The T-lang team met to discuss this RFC today.

We bikeshed'ed a bit and probably covered the same ground that was already covered in this comment thread above (e.g. the suggestion above of a weak safe keyword).

In the end, we have the following proposal for how you might adjust this RFC to meet some broader goals that we identified.

Proposal:

(In this text, let the term "unadorned extern" mean "an extern that is not prefixed by unsafe", i.e. not unsafe extern { ... })

  • On all Rust editions, you can now write unsafe extern { ... }
  • On ≤2021 editions, we lint against unadorned extern { ... }, and emit a suggestion that one write unsafe extern { ... } instead; in ≥2024 editions, unsafe extern { ... } is required.
  • On all Rust editions, unsafe extern { ... } is extended to allow writing safe and unsafe in front of any static or fn item. (This is introducing a new contextual keyword: safe; the T-lang members present at the meeting supported this in part because we think such a keyword may have utility in other contexts in the future, and this is a natural place to employ it.)
    • We also suggest that on all Rust editions, the grammar of unadorned extern { ... } be extended to allow writing safe and unsafe (so that we can unify the parsing code for unsafe extern { ...} and unadorned extern { ... }), but it is nonetheless an error in the static semantics to have a safe or unsafe item within an unadorned extern { ... } block.
  • An item declared safe within an unsafe extern block is allowed to be used from safe code without an unsafe block surrounding the use of that item.
  • An item with declared unsafe within an unsafe extern block is only allowed to be used within an unsafe block (i.e. this re-implements the current Rust semantics, but now allowing for someone to include the redundant declaration so that it looks like other unsafe fn that occur outside of extern blocks).
  • An item without a safe nor unsafe marker within an extern block is implicitly unsafe (i.e. this is the current Rust 2015 semantics).

Here are the various motivations/assumptions that led us to the proposal above:

  • We agreed that unsafe extern { ... } itself is motivated. There is a proof obligation to check that the signature you use for foreign items actually matches the foreign items that end up being pulled in at link time.
  • We were concerned about people accidentally making items in the extern block safe to call by leaving out some kind of opt-in marking: this motivates the contextual safe keyword.
  • Once we had had the safe keyword as the way to opt into safety, the unsafe keyword on each unsafe-to-use item was no longer strictly necessary.
    • We agreed that it was useful to allow it, so that e.g. people can write code where it is apparent at the line of the declaration site that this is an unsafe fn. (But we want to encourage people to migrate to unsafe extern { ... }, even on old editions, so use of the new safe/unsafe declarations requires unsafe extern and is not legal within an unadorned extern.)
  • Allowing the unsafe keyword to be omitted from each item means that the migration path to 2024 edition is now truly trivial, even for developers migrating by hand: just replace extern { ... } with unsafe extern { ... }. Any other change beyond that is a matter of personal style.
  • We believe the proposal above gives us room to be stricter in future editions, after we have more experience with the feature.
    • For example, we might start requiring unsafe fn rather than just fn for an unsafe-to-call function in an unsafe extern { ... } block.

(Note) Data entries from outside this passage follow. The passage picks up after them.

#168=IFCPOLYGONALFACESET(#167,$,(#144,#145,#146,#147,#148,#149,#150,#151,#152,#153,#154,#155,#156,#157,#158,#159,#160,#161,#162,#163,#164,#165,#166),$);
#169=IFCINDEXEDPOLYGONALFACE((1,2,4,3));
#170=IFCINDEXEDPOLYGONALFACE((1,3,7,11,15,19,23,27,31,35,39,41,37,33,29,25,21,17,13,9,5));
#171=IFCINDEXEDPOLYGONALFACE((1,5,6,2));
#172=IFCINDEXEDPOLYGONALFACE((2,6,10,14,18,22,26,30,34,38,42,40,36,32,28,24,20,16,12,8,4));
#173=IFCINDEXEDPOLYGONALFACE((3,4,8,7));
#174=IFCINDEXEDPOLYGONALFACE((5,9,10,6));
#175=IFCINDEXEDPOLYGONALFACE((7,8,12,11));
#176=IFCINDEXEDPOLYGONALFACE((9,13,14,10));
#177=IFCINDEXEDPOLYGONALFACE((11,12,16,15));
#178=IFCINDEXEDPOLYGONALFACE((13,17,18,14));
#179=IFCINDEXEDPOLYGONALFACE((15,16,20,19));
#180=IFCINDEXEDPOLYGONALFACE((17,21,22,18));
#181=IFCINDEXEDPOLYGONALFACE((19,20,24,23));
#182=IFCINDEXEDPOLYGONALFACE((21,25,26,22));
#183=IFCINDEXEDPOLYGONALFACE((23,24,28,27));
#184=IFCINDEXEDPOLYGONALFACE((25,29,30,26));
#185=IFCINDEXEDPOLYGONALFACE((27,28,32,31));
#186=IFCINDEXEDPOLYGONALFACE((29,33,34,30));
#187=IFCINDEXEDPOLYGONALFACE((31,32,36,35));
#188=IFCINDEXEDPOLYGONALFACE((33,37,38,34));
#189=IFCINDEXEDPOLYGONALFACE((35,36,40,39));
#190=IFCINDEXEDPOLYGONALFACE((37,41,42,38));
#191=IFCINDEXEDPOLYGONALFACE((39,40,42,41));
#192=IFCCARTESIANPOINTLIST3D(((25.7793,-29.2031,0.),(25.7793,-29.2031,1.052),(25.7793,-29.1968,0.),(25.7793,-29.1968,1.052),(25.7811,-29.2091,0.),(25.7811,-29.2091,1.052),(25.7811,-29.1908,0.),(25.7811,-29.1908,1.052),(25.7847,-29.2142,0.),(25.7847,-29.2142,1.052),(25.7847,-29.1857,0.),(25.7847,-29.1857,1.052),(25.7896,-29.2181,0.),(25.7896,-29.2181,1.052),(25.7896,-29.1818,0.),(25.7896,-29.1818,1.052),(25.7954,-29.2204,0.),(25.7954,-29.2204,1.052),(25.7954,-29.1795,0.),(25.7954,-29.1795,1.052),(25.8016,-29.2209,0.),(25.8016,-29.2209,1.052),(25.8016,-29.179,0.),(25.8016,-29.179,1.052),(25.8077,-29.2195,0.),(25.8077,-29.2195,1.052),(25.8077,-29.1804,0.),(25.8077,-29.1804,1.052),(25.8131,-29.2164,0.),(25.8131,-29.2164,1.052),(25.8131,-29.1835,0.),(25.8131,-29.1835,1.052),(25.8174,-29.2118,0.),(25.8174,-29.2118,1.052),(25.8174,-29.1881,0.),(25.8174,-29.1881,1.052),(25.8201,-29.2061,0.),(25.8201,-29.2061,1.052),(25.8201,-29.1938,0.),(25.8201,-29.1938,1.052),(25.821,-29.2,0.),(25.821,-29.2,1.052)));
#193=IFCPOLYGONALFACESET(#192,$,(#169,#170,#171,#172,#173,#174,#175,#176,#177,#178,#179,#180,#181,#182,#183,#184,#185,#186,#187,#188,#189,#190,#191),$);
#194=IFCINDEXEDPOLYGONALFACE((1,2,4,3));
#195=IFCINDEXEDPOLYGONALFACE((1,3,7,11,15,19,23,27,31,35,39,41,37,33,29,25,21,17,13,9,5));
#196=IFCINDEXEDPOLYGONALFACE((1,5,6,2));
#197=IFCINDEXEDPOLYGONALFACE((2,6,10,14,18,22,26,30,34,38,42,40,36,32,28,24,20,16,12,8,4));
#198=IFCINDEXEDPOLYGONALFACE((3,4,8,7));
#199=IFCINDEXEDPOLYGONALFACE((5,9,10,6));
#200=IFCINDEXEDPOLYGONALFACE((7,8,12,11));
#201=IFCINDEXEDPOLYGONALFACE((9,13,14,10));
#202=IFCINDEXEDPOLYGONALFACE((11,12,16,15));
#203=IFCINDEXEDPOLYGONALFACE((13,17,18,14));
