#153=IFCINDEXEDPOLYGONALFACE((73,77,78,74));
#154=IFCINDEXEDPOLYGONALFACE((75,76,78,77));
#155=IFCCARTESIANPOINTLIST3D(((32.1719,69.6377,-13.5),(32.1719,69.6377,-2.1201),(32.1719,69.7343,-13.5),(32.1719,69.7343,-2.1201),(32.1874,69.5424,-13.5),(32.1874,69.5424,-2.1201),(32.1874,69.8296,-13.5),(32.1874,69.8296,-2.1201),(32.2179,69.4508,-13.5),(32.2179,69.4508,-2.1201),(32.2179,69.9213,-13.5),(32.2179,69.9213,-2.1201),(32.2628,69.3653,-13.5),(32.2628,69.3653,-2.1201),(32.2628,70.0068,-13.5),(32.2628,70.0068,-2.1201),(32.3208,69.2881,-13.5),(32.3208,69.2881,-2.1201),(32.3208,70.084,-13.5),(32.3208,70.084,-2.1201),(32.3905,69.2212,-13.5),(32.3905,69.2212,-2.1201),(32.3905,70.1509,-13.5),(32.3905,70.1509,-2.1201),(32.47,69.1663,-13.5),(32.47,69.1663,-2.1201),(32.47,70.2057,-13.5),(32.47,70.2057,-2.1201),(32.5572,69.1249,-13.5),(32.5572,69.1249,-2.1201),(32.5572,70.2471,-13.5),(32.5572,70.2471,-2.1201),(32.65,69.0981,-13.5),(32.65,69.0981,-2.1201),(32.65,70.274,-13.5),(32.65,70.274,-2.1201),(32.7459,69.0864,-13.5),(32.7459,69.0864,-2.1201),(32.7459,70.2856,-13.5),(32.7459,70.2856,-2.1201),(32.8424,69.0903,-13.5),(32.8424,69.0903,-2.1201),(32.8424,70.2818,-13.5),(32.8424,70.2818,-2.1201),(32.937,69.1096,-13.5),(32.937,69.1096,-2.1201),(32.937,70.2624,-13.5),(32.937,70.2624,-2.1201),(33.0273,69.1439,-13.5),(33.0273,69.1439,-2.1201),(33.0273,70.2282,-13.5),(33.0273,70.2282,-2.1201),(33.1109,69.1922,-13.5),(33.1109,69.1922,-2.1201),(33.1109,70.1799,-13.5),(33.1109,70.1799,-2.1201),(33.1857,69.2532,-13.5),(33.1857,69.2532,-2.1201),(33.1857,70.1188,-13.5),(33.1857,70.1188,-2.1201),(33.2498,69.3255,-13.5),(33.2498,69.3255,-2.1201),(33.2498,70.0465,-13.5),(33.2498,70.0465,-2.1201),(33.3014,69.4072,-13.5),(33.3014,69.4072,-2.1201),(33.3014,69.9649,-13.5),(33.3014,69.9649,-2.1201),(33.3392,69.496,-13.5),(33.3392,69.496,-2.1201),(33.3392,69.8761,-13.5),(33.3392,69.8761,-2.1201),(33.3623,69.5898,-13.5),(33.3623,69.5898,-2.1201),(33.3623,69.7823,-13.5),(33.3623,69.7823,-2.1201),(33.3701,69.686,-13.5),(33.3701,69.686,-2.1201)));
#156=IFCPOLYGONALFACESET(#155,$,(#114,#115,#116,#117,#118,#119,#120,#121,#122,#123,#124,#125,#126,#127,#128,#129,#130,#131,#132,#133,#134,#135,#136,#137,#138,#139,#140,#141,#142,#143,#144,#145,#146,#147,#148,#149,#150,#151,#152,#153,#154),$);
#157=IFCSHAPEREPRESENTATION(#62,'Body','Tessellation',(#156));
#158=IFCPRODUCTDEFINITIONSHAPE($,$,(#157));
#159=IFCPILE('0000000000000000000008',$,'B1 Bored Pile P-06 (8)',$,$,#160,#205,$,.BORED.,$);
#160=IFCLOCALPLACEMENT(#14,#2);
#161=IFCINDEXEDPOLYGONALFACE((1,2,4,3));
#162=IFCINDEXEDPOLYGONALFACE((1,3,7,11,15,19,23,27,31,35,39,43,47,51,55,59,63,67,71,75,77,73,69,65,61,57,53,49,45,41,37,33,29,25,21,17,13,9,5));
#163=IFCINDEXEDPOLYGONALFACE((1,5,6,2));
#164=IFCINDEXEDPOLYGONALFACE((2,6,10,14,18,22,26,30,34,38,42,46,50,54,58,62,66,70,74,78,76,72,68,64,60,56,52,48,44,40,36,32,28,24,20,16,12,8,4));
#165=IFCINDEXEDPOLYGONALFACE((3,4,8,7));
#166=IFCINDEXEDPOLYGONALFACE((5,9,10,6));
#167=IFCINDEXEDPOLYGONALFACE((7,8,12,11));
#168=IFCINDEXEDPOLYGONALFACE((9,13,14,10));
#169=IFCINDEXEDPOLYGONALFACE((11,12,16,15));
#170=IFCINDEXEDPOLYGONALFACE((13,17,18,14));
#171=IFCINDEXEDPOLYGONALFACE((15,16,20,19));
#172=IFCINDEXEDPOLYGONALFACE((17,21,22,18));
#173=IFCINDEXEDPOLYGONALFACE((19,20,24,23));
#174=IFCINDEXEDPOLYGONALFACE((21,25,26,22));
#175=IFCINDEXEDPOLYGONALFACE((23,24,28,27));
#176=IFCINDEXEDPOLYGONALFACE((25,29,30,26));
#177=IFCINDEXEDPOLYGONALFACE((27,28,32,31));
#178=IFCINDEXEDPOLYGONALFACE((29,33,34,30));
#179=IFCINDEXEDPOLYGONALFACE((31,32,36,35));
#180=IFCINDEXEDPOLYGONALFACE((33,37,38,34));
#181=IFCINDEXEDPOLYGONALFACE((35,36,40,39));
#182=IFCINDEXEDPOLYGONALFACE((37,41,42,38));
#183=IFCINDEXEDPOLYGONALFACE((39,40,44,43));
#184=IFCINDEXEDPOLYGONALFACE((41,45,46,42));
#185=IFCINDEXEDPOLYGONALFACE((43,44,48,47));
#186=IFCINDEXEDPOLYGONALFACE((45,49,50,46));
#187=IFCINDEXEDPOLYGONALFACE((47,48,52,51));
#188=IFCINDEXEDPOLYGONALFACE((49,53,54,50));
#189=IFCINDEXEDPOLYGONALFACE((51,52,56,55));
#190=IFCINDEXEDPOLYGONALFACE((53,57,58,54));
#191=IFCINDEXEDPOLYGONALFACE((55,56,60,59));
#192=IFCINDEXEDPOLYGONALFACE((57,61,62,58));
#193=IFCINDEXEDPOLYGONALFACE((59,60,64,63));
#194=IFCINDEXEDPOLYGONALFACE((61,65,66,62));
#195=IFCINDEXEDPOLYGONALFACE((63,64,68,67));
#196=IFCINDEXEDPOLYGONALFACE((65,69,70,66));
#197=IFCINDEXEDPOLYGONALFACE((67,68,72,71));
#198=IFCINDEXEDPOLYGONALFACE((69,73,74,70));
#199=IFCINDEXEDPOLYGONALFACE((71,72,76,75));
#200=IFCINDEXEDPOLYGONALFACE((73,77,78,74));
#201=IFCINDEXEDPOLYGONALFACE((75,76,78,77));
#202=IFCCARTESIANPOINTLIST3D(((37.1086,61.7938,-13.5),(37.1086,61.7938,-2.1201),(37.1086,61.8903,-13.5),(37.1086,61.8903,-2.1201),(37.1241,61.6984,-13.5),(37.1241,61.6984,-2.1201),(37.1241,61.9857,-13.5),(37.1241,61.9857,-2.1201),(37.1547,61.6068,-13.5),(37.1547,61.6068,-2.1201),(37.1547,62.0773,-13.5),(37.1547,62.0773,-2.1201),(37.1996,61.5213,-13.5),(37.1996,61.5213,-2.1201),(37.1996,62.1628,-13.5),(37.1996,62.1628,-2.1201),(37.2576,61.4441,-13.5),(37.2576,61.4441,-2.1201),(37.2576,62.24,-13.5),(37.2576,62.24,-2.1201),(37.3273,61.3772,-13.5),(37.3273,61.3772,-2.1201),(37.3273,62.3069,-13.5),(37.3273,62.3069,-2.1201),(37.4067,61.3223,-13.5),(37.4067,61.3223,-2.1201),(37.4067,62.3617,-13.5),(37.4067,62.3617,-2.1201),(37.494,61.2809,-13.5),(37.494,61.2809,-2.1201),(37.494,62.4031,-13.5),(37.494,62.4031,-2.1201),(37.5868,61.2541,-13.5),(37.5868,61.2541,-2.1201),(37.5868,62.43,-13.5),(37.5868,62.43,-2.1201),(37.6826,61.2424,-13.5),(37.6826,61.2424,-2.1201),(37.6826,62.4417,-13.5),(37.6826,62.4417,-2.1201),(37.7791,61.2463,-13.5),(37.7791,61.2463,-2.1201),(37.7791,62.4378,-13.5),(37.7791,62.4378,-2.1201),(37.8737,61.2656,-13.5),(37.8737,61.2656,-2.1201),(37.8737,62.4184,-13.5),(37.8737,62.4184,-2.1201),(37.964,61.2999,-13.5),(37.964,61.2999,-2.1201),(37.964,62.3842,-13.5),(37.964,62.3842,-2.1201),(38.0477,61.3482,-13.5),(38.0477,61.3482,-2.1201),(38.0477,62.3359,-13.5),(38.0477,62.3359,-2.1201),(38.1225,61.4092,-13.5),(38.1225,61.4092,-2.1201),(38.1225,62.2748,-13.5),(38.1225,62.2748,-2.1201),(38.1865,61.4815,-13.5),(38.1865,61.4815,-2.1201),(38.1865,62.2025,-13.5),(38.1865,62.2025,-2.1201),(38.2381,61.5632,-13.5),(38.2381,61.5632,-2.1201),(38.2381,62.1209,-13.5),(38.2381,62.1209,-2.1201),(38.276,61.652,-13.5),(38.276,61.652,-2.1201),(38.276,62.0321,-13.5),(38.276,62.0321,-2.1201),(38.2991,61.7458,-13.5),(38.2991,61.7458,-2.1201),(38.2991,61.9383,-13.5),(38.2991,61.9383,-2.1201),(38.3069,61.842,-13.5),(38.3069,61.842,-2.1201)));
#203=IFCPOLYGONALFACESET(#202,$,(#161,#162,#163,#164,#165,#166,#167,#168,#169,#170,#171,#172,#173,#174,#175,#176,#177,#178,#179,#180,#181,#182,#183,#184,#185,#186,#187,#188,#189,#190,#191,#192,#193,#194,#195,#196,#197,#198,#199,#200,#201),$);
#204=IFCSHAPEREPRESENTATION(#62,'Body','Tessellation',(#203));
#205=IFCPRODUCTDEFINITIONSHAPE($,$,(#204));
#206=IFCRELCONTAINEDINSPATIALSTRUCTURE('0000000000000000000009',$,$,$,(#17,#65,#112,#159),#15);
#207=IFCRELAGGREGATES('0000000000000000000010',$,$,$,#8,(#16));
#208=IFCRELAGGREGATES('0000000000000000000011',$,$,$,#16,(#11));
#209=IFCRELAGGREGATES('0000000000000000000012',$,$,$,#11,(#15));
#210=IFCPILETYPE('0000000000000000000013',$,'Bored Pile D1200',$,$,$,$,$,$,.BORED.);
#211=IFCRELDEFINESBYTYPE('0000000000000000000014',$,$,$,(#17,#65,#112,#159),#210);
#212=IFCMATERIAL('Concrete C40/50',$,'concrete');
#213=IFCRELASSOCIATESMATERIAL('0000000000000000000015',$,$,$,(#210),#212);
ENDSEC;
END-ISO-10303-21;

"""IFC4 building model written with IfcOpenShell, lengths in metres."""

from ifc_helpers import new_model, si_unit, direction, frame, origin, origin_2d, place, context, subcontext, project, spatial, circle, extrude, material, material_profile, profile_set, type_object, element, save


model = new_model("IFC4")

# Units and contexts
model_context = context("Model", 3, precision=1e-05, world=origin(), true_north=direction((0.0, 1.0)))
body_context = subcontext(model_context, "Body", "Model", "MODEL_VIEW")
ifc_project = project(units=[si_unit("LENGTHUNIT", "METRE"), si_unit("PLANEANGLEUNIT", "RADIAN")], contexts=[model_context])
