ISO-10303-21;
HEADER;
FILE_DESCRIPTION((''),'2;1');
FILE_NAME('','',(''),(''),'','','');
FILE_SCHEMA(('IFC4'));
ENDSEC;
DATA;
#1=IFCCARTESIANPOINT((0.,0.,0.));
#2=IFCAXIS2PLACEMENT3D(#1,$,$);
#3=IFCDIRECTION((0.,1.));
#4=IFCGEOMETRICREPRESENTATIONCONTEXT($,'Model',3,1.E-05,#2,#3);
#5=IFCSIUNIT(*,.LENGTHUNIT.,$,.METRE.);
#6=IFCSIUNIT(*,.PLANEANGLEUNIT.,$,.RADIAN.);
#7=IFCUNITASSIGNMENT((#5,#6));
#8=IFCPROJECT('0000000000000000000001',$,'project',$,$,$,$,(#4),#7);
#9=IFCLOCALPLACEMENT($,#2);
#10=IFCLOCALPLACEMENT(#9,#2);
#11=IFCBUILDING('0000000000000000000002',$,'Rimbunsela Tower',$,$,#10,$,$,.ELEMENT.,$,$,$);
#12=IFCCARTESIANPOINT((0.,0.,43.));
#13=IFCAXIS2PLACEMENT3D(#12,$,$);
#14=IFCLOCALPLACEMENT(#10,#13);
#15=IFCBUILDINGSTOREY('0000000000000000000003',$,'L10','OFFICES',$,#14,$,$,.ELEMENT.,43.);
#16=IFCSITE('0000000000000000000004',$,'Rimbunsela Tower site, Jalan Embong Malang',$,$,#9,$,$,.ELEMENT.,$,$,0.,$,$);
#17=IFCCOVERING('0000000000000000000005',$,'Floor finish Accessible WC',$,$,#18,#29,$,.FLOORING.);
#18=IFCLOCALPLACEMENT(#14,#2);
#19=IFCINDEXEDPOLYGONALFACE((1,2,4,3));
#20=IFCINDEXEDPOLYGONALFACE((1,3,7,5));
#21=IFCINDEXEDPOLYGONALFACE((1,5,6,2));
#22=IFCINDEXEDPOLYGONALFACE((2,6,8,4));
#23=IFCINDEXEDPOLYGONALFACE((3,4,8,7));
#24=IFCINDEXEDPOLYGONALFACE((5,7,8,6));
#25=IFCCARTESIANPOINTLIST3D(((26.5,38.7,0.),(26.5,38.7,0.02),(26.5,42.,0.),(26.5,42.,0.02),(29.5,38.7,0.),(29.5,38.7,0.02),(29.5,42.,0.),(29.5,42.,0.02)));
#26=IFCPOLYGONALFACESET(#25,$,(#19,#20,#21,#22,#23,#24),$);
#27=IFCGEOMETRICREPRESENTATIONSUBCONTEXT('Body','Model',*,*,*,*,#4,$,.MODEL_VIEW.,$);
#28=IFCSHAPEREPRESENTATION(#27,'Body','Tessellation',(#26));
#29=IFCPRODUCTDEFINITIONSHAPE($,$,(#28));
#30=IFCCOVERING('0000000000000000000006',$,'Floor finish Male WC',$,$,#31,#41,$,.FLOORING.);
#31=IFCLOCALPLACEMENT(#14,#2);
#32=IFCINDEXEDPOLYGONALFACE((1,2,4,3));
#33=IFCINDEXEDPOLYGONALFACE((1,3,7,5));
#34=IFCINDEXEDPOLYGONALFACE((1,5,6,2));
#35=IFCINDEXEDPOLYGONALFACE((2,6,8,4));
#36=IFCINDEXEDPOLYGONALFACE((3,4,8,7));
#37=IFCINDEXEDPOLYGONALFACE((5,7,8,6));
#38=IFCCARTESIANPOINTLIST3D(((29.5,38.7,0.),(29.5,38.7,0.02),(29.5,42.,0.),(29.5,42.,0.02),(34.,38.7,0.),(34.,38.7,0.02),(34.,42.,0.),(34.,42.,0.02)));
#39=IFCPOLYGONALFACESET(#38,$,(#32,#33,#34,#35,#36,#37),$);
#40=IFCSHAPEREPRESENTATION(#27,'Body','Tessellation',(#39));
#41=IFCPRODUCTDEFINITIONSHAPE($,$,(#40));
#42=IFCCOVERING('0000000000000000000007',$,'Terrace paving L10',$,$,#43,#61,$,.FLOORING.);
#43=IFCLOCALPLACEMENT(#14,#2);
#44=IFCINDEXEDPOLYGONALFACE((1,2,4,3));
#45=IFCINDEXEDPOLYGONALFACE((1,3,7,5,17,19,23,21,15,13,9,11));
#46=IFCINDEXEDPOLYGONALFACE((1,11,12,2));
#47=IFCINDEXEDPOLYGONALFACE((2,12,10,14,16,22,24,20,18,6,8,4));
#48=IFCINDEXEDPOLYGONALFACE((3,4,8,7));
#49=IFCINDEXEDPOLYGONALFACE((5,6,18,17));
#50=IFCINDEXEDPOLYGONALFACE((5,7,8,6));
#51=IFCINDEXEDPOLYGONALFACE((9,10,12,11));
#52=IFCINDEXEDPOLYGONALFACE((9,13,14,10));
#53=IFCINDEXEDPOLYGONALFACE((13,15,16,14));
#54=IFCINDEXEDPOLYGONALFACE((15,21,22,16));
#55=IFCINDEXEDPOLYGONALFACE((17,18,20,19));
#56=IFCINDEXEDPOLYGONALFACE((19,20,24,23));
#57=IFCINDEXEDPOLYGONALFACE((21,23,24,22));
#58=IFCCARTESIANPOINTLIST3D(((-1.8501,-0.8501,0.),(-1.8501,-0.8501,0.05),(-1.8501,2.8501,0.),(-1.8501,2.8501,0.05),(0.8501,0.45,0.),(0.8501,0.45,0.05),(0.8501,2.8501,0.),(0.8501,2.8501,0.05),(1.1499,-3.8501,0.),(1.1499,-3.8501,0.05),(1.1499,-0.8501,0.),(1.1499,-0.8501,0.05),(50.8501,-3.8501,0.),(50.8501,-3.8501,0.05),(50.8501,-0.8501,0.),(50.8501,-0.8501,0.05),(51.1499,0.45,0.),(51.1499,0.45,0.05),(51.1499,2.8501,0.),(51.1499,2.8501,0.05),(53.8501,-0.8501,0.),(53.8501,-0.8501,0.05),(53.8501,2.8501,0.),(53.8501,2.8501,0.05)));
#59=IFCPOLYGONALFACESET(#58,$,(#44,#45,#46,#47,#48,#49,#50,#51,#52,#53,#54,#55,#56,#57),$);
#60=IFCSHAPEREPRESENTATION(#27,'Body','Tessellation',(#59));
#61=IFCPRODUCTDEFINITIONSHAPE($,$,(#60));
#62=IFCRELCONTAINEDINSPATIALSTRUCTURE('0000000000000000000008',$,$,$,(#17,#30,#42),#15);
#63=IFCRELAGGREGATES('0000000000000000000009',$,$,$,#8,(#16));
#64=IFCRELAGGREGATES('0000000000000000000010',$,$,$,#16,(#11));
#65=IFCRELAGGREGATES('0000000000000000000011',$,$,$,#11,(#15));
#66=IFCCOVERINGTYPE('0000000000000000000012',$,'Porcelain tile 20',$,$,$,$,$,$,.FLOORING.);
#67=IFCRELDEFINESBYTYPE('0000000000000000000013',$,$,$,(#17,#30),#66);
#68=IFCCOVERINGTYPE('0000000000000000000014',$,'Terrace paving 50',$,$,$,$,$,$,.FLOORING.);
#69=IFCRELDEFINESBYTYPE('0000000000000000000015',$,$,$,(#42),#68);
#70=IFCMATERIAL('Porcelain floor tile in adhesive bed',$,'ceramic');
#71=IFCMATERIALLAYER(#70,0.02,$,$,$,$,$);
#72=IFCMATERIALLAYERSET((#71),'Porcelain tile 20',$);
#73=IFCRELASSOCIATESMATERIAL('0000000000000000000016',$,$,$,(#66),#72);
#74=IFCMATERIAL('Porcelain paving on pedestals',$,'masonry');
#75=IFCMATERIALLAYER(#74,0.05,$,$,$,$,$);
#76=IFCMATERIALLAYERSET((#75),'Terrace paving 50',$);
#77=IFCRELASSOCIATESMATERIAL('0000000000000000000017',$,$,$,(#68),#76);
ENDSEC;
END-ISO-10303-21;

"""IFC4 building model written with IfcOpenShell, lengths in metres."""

from ifc_helpers import new_model, si_unit, direction, frame, origin, place, context, subcontext, project, spatial, polyline, outline, extrude, material, layer, layer_set, type_object, element, save


model = new_model("IFC4")

# Units and contexts
model_context = context("Model", 3, precision=1e-05, world=origin(), true_north=direction((0.0, 1.0)))
body_context = subcontext(model_context, "Body", "Model", "MODEL_VIEW")
ifc_project = project(units=[si_unit("LENGTHUNIT", "METRE"), si_unit("PLANEANGLEUNIT", "RADIAN")], contexts=[model_context])

# Site, building, storey
site_placement = place(None, origin())
site = spatial("IfcSite", under=ifc_project, at=site_placement, Name="Rimbunsela Tower site, Jalan Embong Malang", CompositionType="ELEMENT", RefElevation=0.0)
building_placement = place(site_placement, origin())
building = spatial("IfcBuilding", under=site, at=building_placement, Name="Rimbunsela Tower", CompositionType="ELEMENT")
storey_placement = place(building_placement, frame((0.0, 0.0, 43.0)))
storey = spatial("IfcBuildingStorey", under=building, at=storey_placement, Name="L10", Description="OFFICES", CompositionType="ELEMENT", Elevation=43.0)

# Coverings
ifc_material_1 = material(Name="Porcelain floor tile in adhesive bed", Category="ceramic")
ifc_layer_1 = layer(ifc_material_1, 0.02)
ifc_layer_set_1 = layer_set([ifc_layer_1], Name="Porcelain tile 20")
covering_type_1 = type_object("IfcCoveringType", Name="Porcelain tile 20", PredefinedType="FLOORING", material=ifc_layer_set_1)
covering_1_placement = place(storey_placement, origin())
element("IfcCovering", 1, at=covering_1_placement, inside=storey, type_object=covering_type_1, Name="Floor finish Accessible WC", PredefinedType="FLOORING", context=body_context, shape_type="SweptSolid", body=[
    extrude(outline(polyline([(29.5, 38.7), (29.5, 42.0), (26.5, 42.0), (26.5, 38.7), (29.5, 38.7)])), origin(), (0.0, 0.0, 1.0), 0.02),
])
covering_2_placement = place(storey_placement, origin())
element("IfcCovering", 2, at=covering_2_placement, inside=storey, type_object=covering_type_1, Name="Floor finish Male WC", PredefinedType="FLOORING", context=body_context, shape_type="SweptSolid", body=[
    extrude(outline(polyline([(34.0, 38.7), (34.0, 42.0), (29.5, 42.0), (29.5, 38.7), (34.0, 38.7)])), origin(), (0.0, 0.0, 1.0), 0.02),
])
ifc_material_2 = material(Name="Porcelain paving on pedestals", Category="masonry")
ifc_layer_2 = layer(ifc_material_2, 0.05)
ifc_layer_set_2 = layer_set([ifc_layer_2], Name="Terrace paving 50")
covering_type_2 = type_object("IfcCoveringType", Name="Terrace paving 50", PredefinedType="FLOORING", material=ifc_layer_set_2)
covering_3_placement = place(storey_placement, origin())
element("IfcCovering", 3, at=covering_3_placement, inside=storey, type_object=covering_type_2, Name="Terrace paving L10", PredefinedType="FLOORING", context=body_context, shape_type="SweptSolid", body=[
    extrude(outline(polyline([(53.8501, -0.8501), (50.8501, -0.8501), (50.8501, -3.8501), (1.1499, -3.8501), (1.1499, -0.8501), (-1.8501, -0.8501), (-1.8501, 2.8501), (0.8501, 2.8501), (0.8501, 0.45), (51.1499, 0.45), (51.1499, 2.8501), (53.8501, 2.8501), (53.8501, -0.8501)])), origin(), (0.0, 0.0, 1.0), 0.05),
])

save(model, "model.ifc")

`extern` blocks are `unsafe` because if the declaration doesn't match the actual external function, or the actual external data, then it causes compile time Undefined Behavior (UB).

Once they are unsafely declared, a `safe` item can be used outside the `extern` block as if it were any other safe function or static value declared within rust.
The unsafe obligation of ensuring that the correct items are being linked to is performed by the crate making the declaration, not the crate using of that declaration.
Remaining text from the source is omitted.